The failure to stop murders in the city before the pandemic turned into a crisis when the plague broke loose, the ancient fury asserting itself in the modern world. Politicians collapsed. Policing collapsed. Community cohesion collapsed. The powerful could cope, but the powerless lost their safety net. A redux of the Athenians and the Melians: “The strong do what they can and the weak suffer what they must.”

Thus, as MacGillis details for ProPublica, residents who spent their lives doing the right thing, striving for independence while raising a family, saving money, moving to safer neighborhoods, now face the tragedy of losing a son.

Philadelphia faces a crisis of leadership. A political class rules over the people, a class that craves power but refuses to exercise it for the common good. One-party rule for decades has slouched into decadence and threatens the city’s revival.

A mayor governs without wisdom. A district attorney feels more sympathy for criminals than victims. A police department alienates those it is supposed to serve and protect. A city council, corrupt and parochial, talks of racial equity and social justice while sitting on its hands.
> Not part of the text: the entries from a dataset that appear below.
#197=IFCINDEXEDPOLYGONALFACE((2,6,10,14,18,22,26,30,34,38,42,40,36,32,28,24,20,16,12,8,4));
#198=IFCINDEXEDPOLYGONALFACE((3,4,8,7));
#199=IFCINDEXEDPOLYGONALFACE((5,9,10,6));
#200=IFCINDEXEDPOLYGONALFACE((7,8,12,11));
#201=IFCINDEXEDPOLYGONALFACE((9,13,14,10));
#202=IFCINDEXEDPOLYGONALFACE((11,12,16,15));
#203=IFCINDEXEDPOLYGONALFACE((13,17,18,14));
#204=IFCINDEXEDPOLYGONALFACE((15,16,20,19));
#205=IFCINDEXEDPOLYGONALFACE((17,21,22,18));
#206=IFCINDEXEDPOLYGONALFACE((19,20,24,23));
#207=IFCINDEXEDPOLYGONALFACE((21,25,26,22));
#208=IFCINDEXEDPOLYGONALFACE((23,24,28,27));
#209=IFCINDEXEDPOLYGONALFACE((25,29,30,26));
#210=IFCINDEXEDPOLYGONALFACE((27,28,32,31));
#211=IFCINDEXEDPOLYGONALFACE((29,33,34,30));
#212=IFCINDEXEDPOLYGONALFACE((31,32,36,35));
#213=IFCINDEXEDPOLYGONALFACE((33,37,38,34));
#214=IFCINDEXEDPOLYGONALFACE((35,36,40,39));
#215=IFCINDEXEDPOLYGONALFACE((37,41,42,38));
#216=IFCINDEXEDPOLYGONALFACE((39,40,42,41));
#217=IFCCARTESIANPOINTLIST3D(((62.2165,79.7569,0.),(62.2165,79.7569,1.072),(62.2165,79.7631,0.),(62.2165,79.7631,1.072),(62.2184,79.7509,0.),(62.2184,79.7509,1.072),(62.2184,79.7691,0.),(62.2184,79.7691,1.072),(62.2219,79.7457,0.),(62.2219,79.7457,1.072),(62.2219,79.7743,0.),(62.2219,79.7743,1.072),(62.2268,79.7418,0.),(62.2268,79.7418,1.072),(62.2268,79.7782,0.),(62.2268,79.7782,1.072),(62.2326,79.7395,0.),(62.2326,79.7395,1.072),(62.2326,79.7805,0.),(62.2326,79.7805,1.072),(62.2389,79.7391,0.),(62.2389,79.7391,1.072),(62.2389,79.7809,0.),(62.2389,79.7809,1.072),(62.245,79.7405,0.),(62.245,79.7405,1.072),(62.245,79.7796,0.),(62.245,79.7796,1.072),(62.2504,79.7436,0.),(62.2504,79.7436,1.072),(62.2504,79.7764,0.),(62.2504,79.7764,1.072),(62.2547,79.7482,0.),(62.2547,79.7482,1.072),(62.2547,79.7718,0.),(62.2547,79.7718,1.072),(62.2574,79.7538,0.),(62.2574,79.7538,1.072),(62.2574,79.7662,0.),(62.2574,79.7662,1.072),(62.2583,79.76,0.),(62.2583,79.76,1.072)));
Philly is not the only city in this position. From Philadelphia to Columbus, Austin to Albuquerque, a dozen major cities have set new homicide records. All must learn from their mistakes. Mayors need to lead the charge in reducing violent crime and restore order in their cities. City councils need to pass appropriate legislation to fund public order and community groups that encourage cohesion and connection. Police departments need to accept good-faith criticism and make strides to restore public trust. District attorneys need to realize that protecting civil liberties means removing criminals from the streets.

Much is to be done. Inertia is a powerful force, as is the narrow-mindedness of the comfortable. Yet, the bloodshed requires boldness. The next few years will separate the leaders who take violence and order seriously from those who are preoccupied with the praises of the unhinged media and activist classes.